# Murrells Inlet South Jetty - First Timer



## ZJGMoparman

I have been doing quite a bit of reading about fishing the Murrells inlet jetty and have a few questions for some of you that have fished them before. I mainly surf fish and occasionally will do a little pier fishing.

Based on what I have read, to get to the south jetty, I can pay the $5 fee to get into Huntington Beach State Park for the day and then park in the closest parking lot to the jetty. I then would have to walk approximately 1.5 miles North to get to the jetty. Is this walk on the beach, or is there a path?

If I fish the South Jetty, is it possible and does it make sense to bring an aluminum fishing cart to haul my gear? I'm sure I would need multiple rods, a cooler, as well as some tackle. This leads me to my next question: How many rods/ different setups would you try to take? I was thinking about trying to take the following:

1. 10 ft Surf Rod w/ fish finder rig​2. 8 ft Metals/ gotchas rod​3. 7.5 ft Soft Plastics/ flounder rod​
When looking at the satellite image of the jetty, it looks like the South Jetty is paved almost the full length of the jetty. That being said, I could safely fish anywhere on the jetty and not have to worry about the tides. Also, with the jetty being much higher than the water level, do most people use a net to land larger fish? If so, what kind of net is best?
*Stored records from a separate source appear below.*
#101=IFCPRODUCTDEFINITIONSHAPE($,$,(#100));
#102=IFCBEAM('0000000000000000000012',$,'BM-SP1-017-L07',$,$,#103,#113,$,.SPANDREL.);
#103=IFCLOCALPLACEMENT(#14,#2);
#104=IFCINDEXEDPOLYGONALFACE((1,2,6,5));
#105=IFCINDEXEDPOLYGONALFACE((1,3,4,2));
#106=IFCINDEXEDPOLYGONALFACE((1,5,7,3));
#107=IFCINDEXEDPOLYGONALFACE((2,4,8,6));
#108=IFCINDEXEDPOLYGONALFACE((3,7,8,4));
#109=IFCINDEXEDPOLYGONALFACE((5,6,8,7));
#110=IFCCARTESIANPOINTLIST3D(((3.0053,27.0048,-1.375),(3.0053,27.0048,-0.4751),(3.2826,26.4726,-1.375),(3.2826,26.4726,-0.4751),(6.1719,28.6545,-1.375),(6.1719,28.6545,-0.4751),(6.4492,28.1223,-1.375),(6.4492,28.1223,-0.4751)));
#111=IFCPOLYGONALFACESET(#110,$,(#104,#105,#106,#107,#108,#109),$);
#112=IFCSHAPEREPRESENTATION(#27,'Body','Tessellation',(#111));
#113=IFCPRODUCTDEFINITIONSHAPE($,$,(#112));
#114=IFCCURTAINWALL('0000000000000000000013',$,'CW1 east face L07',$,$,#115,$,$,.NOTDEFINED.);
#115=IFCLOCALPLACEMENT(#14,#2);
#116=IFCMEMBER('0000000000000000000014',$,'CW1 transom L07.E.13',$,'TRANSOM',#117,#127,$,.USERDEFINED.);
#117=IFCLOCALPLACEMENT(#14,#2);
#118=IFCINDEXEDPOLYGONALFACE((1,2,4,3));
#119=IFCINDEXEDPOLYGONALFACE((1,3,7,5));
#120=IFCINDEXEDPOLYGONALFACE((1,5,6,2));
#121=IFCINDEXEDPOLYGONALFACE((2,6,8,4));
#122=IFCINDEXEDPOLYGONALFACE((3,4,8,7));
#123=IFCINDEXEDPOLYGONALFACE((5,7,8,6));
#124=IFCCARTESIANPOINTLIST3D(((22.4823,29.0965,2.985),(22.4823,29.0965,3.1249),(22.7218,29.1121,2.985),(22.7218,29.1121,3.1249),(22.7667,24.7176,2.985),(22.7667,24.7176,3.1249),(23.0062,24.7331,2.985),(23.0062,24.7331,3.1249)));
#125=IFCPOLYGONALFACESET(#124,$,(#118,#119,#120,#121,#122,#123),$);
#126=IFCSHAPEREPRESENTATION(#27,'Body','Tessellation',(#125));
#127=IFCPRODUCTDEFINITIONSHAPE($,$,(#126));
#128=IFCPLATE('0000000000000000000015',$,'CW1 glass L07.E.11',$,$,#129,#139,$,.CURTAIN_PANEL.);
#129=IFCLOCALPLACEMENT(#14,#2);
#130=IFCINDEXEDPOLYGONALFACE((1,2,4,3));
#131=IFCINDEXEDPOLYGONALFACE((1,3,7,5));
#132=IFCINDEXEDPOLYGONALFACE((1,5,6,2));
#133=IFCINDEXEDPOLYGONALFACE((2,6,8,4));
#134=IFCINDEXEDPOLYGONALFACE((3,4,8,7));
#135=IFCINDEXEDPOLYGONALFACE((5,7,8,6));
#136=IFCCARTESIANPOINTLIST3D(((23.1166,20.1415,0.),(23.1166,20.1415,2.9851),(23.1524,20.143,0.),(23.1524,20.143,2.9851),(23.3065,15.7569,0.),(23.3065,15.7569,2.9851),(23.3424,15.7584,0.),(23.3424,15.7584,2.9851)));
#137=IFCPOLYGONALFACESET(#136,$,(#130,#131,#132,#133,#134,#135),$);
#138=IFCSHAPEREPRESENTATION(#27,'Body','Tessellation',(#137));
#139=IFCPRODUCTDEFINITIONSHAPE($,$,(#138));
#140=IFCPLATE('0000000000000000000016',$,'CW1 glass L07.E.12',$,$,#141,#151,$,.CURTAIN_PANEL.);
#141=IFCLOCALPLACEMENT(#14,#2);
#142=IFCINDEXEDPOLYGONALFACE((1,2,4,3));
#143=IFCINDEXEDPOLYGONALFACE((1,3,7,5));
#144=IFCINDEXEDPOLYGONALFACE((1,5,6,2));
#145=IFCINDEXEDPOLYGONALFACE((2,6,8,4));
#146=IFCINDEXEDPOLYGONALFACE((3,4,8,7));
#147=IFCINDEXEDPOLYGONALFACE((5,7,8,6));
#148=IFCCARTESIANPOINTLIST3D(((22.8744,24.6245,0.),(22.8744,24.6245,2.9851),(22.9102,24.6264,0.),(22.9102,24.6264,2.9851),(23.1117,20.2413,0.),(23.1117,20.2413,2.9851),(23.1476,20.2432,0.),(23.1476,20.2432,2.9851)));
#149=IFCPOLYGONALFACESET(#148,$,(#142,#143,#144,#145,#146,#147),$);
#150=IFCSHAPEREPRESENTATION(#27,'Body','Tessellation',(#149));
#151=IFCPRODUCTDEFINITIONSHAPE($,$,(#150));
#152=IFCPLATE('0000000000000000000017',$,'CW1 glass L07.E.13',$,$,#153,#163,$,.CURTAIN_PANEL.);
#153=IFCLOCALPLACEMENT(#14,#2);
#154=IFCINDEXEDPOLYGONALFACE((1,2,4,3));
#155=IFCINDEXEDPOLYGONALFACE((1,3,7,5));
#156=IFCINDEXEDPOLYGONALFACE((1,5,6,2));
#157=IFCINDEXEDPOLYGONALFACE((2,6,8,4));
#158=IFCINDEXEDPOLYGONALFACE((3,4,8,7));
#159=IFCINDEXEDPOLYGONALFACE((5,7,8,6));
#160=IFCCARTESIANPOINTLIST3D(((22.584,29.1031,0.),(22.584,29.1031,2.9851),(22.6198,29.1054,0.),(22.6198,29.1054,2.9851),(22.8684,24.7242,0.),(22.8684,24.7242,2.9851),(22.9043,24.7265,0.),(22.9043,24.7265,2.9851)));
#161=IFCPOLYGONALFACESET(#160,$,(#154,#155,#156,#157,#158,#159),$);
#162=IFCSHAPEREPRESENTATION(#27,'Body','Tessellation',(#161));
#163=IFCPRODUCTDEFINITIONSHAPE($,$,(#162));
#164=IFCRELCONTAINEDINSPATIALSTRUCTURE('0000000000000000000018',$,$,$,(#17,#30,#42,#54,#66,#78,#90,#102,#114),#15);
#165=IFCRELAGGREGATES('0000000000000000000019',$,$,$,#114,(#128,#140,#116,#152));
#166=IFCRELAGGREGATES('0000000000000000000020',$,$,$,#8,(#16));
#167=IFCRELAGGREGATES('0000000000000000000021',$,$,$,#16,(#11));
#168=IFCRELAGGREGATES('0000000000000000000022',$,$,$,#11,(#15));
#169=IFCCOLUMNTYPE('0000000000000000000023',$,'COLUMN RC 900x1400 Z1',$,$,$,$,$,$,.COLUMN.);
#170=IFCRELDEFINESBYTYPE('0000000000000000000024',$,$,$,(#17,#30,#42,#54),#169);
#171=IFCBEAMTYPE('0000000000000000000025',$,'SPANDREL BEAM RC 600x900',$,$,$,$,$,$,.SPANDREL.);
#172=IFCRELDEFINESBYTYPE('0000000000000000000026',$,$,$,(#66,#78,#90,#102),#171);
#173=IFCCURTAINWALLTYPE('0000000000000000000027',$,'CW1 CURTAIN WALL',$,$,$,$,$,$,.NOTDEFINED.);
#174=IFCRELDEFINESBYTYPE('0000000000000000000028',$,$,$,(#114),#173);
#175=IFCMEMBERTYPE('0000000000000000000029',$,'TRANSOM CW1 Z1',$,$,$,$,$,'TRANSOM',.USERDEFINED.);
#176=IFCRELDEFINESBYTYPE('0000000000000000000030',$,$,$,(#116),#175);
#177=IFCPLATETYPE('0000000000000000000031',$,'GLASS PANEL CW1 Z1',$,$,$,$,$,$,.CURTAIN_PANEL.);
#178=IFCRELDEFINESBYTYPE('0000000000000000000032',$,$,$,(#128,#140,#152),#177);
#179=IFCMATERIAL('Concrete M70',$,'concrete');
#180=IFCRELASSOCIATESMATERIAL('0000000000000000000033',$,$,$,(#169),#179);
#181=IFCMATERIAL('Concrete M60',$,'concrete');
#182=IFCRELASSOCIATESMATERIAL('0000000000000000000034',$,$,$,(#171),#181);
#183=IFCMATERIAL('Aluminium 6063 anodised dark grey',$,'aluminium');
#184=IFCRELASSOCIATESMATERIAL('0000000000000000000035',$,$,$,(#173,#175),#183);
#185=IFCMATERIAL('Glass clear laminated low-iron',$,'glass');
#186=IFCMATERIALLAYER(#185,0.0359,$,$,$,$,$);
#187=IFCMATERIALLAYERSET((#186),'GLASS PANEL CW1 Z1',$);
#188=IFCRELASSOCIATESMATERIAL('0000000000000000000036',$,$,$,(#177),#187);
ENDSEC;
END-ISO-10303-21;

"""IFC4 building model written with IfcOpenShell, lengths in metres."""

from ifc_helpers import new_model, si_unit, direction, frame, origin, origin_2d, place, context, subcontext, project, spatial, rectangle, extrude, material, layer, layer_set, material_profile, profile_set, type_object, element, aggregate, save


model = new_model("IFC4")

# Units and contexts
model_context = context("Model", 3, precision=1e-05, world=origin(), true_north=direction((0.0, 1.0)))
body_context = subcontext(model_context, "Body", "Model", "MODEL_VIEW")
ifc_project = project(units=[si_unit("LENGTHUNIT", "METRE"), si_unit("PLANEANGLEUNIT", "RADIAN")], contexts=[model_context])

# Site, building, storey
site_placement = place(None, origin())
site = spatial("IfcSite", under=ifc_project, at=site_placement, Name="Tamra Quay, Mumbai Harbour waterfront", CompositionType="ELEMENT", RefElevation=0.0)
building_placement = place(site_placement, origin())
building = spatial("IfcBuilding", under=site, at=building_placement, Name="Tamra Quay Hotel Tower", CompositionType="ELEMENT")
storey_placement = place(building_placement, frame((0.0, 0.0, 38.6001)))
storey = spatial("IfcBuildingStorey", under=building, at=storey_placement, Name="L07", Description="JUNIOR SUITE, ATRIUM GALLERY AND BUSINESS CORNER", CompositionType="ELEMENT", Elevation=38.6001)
I know I am asking a lot of questions. I have never fished a jetty and am trying to gather as much information as possible before I go. I want to be prepared. I am looking at trying to make a trip to Murrell's inlet around the end of May. Are there any specific species of fish that I should try to gear up for this time of year? I am really interested in Spanish, Flounder, Trout, and Reds.


----------



## SmoothLures

Yes, you have to pay $5 to get into the state park, you'll go to the left and park. You walk down the beach access, then head north towards the jetty, walking on sand. You will need a surf cart or you'll probably be dead tired by the time you get there. If you have a cart, take as much as you want. It is paved. You don't have to worry about the tide when at the south jetty, only the north one. Most folks walk down the rocks to land bigger fish and it can be very slick and dangerous. You can catch Spanish, flounder, and reds on live menhaden or finger mullet. It would be worth your time to catch/buy (Perry's Bait and Tackle is pretty close and they can give you the down low on what's going on) live bait and keep it alive. You probably won't catch many/any trout but it's possible, as are weakfish. 
Free line or float out a menhaden or mullet or even small bluefish, spot, croaker, whatever and you have a good chance of a nice Spanish, king, maybe even a cobia, as well as lots of bluefish. Metals will also work. Then I would fish live bait around the rocks for reds and flounder on Carolina rigs. Hope this helps.


----------



## kayak456

Are you talking about the wrightsville beach jetty?


----------



## fshnjoe

kayak456 said:


> Are you talking about the wrightsville beach jetty?


No 
South Jetty of Murrells Inlet!!


----------



## irishfireman333

I have had some of the greatest fishing of my life at the HBSP South Jetty, followed by the worse only 24 hours later. Its a nice relaxing walk with the right cart of course. Bring your cart! a chair, a cooler...for the walk you better make a day out of it... plan like a day hike. The weekends can be a little crowded out there no matter what time. Only thing i would suggest is a decent cast net. There is always schools of live bait either at the jetty, or keep your eye open on the walk out. 5$ aint bad, the yearly pass is worth it...and not just for fishing. Its the best spot in the area for beach-going all together. Always enough room, less tourists. Never crowded if you simply walk a few feet. I take the wife, she sits in the peaceful surf, and I fish. Best spot out there, cant say it enough.


----------



## surfmom

there arent any facilities though right? Thats my biggest reason I dont go. a mile is an awful long walk


----------



## Tim Brown

That walk is no joke. I carry a tackle backpack, and thought I was training for the SEALs by the end of the walk back


----------



## Chet2011

I walk it on a regular basis, still don't understand why 
It's 1.5 miles to and 5 miles back.


----------



## SmoothLures

surfmom said:


> there arent any facilities though right? Thats my biggest reason I dont go. a mile is an awful long walk


There are in the State Park, but nowhere near the jetty that I'm aware of.


----------



## bluefish1928

Tim Brown said:


> That walk is no joke. I carry a tackle backpack, and thought I was training for the SEALs by the end of the walk back


Perhaps a few more youtube vids of BUD/S will put things into a more realistic perspective. A cart or rigged bike is way to go. It is about 1.4 miles each way along the sand.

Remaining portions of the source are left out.